Fig. 6: scRNA-Seq reveals CD16- NK cells express high IL-18 transcripts in acute MIS-C patients.

ScRNA-seq analysis of paired PBMC samples from five children with acute MIS-C and at follow-up (approximately one month later). A PBMC UMAP projection showing annotated cell populations B Differential cell abundance test result from miloR analysis, comparing acute and follow-up groups. Significantly changed clusters were colour indicated. C Distribution of TCR Vβ21.3+ and − T cells in different CD4 T subtypes. D selected M1, M2 marker expression in acute and follow-up monocyte populations (including the 4 different monocyte subtypes).
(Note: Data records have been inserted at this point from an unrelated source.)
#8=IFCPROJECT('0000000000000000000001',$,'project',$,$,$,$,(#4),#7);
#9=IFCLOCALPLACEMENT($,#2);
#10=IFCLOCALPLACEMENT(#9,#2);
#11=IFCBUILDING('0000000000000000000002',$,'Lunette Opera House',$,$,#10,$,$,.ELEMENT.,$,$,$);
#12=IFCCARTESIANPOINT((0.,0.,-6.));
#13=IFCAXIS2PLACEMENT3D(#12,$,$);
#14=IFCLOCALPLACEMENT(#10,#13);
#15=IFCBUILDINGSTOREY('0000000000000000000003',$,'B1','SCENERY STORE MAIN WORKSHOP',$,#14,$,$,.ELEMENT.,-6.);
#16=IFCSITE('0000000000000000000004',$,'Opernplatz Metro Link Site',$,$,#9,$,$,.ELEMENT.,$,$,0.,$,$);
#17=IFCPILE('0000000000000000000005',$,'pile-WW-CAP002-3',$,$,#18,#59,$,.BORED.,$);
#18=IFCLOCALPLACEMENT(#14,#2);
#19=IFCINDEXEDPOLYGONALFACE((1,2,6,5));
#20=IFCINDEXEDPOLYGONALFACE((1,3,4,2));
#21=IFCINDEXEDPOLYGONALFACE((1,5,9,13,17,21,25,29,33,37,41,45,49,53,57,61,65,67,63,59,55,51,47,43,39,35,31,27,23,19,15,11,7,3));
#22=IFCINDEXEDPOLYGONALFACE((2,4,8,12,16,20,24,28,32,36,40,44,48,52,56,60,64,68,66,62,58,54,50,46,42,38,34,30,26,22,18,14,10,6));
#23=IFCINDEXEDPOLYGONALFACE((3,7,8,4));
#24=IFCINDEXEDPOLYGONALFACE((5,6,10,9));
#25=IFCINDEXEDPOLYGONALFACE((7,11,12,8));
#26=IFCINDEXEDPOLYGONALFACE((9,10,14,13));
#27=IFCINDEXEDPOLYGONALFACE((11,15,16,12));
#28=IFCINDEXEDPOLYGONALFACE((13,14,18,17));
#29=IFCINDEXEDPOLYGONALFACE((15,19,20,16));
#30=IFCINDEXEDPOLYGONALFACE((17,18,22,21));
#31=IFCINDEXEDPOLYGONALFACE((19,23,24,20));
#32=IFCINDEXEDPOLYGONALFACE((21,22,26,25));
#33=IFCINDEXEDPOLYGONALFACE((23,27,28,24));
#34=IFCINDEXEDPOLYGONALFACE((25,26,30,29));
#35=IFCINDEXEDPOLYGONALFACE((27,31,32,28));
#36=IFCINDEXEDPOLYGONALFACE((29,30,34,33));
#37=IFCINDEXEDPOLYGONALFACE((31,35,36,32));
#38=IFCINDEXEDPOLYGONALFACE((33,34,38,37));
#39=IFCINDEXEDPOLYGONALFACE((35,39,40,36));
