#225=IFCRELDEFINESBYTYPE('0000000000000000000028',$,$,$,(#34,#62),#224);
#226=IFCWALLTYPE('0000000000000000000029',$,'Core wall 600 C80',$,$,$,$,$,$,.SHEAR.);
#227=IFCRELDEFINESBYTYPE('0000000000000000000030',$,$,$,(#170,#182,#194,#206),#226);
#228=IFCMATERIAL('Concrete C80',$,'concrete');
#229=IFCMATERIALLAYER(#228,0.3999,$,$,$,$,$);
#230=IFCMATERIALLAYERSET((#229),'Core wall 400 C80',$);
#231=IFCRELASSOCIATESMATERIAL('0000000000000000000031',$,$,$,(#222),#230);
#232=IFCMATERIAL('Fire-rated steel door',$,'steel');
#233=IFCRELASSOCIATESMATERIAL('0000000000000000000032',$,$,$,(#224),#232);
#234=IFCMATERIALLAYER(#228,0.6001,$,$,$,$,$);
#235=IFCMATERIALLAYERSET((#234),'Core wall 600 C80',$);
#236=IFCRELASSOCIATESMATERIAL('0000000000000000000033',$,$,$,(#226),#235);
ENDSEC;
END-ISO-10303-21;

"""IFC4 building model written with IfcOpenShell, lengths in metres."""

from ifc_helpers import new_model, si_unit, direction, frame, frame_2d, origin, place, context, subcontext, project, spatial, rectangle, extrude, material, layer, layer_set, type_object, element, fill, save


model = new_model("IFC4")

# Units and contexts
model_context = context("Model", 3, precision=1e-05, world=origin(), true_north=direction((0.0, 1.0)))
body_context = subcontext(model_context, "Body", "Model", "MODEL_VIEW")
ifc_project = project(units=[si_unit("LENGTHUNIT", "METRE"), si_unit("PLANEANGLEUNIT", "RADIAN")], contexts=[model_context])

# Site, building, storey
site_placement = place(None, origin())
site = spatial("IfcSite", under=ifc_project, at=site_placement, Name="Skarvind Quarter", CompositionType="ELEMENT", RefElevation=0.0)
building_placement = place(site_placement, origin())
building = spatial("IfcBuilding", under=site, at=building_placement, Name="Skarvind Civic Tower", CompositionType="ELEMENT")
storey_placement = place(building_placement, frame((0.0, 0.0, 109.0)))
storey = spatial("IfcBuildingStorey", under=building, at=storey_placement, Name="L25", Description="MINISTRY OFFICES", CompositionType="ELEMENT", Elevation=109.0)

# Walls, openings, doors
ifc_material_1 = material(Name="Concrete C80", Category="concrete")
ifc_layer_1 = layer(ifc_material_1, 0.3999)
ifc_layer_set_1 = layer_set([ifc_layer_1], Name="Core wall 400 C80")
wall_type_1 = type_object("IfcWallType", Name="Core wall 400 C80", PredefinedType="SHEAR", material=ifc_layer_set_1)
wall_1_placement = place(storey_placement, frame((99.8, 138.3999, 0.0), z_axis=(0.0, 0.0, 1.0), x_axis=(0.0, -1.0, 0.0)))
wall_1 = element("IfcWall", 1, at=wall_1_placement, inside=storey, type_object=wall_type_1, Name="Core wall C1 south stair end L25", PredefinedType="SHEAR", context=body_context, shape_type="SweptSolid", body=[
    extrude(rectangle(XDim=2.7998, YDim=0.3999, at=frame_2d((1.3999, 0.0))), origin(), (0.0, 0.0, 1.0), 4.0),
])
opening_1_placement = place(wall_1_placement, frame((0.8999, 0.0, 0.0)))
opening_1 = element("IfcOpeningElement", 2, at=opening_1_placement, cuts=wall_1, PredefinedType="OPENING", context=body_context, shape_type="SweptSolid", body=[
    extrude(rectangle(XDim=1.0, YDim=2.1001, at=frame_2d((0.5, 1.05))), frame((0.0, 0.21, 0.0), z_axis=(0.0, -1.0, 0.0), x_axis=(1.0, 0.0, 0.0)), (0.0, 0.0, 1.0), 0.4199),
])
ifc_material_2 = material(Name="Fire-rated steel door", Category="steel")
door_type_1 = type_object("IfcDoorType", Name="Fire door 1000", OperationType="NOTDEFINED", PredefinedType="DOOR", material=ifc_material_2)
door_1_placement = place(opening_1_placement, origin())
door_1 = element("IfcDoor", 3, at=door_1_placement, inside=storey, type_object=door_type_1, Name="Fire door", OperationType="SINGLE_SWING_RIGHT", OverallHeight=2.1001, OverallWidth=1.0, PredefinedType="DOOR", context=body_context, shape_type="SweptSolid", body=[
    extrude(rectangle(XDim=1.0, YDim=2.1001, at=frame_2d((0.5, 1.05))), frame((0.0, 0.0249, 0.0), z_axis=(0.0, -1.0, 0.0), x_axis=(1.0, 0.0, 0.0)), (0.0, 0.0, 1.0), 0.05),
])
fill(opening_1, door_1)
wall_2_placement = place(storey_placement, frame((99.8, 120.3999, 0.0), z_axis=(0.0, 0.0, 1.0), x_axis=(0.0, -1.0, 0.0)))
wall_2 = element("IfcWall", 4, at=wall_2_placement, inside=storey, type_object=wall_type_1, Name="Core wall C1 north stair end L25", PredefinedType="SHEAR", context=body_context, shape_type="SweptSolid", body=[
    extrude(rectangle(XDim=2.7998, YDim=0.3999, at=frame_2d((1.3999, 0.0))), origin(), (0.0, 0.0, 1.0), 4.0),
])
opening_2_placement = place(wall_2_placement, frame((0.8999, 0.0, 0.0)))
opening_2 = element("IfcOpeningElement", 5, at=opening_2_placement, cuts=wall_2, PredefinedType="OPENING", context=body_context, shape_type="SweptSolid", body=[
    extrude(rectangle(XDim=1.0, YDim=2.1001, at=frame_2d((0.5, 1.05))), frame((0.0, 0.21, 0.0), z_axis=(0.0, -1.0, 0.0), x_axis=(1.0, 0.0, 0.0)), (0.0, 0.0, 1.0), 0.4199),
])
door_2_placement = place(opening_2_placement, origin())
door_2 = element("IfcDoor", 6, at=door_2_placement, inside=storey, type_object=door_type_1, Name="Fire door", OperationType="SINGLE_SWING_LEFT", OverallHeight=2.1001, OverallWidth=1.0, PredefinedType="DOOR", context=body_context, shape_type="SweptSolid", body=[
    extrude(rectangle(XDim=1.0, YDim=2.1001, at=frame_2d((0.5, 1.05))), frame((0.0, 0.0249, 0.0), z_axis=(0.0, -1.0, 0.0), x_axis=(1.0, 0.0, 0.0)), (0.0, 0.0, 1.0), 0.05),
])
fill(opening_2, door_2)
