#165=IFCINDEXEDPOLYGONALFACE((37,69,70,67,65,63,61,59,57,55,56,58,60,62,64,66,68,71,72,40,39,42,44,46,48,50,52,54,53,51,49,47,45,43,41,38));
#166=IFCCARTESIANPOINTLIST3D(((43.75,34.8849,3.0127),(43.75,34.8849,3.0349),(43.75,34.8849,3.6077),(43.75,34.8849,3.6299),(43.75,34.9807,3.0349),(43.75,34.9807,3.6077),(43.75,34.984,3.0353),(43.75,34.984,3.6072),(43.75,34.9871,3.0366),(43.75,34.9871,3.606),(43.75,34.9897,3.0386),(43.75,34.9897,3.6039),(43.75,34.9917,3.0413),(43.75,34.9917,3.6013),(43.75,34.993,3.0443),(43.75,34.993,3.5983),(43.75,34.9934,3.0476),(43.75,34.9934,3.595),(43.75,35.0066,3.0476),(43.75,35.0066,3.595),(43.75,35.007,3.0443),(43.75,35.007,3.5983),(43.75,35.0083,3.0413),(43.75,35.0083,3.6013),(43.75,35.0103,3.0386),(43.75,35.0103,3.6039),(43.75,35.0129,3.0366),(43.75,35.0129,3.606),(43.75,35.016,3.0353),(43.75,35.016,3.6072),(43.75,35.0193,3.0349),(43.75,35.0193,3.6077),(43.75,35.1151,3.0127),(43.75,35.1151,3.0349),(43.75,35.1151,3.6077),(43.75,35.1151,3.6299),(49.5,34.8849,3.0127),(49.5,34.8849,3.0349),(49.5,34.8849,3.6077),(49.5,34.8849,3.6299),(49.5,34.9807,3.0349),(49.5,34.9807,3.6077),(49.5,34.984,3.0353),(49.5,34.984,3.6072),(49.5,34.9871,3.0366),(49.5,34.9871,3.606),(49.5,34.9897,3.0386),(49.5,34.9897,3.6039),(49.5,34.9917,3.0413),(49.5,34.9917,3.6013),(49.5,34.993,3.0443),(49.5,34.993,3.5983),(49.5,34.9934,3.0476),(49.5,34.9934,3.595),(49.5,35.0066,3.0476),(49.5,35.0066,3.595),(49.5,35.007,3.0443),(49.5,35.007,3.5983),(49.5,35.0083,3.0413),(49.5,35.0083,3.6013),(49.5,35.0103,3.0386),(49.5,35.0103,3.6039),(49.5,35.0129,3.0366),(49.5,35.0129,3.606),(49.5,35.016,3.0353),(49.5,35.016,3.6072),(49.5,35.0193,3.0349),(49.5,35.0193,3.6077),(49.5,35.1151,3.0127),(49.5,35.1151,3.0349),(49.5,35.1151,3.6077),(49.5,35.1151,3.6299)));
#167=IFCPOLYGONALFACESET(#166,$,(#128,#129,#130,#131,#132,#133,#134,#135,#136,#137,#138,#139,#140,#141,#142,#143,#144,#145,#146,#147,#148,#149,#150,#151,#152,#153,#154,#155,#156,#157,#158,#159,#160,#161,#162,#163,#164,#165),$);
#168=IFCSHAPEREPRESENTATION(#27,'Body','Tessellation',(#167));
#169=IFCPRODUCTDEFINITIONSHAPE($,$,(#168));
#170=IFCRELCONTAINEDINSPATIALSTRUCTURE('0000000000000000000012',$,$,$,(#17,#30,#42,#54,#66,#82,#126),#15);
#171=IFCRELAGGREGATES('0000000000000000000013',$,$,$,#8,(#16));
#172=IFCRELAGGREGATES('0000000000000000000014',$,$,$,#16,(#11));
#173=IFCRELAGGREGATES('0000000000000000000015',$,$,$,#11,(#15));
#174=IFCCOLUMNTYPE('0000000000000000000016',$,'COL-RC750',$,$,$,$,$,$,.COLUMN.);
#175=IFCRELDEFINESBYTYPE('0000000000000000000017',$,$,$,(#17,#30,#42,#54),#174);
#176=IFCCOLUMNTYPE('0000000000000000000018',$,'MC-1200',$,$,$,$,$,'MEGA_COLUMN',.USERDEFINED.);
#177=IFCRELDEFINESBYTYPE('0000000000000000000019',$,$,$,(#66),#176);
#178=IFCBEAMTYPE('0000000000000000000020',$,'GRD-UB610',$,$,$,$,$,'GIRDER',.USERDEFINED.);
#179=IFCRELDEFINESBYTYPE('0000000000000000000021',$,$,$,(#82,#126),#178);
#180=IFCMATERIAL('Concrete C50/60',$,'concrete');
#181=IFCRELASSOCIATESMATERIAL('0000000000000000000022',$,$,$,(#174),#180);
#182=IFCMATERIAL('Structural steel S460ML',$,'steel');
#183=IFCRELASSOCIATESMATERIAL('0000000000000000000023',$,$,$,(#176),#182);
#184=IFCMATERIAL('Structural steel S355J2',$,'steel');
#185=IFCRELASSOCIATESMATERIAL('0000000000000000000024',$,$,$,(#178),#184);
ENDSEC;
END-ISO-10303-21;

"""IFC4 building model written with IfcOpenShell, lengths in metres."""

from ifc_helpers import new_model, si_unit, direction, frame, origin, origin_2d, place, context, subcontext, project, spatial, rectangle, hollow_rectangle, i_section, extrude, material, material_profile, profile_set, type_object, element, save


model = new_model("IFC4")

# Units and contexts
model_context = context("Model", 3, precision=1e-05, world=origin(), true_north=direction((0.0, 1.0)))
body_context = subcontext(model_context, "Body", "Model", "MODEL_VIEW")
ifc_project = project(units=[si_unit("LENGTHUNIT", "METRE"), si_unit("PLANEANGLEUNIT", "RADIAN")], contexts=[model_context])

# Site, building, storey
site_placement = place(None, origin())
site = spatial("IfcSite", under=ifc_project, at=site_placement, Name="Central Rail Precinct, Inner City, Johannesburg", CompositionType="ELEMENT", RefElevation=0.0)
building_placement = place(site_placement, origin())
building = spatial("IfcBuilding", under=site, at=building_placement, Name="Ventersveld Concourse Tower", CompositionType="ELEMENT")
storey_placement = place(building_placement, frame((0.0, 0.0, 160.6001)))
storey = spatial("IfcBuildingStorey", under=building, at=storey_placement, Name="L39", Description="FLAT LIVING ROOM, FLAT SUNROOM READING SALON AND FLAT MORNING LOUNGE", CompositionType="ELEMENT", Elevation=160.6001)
E Expression of IL1B and IL-18 mRNA transcripts in the UMAP. F Violin plots of IL-18 mRNA levels in different PBMC populations from MIS-C patients at the acute or follow-up stage. There was a significant change in IL-18 mRNA levels for the CD16- NK population when comparing admission and follow-up samples by Wilcoxon’s tests (q value = 3.81E-06). G Intracellular staining of IL-18 in fixed blood samples. Left: staining in an infectious disease sample; right: example in an MIS-C (acute) sample. H Cell abundance comparing PBMC samples from healthy and MIS-C follow-up children. The healthy children PBMC data are from published dataset². FC fold change, nc non-classical, cm central memory.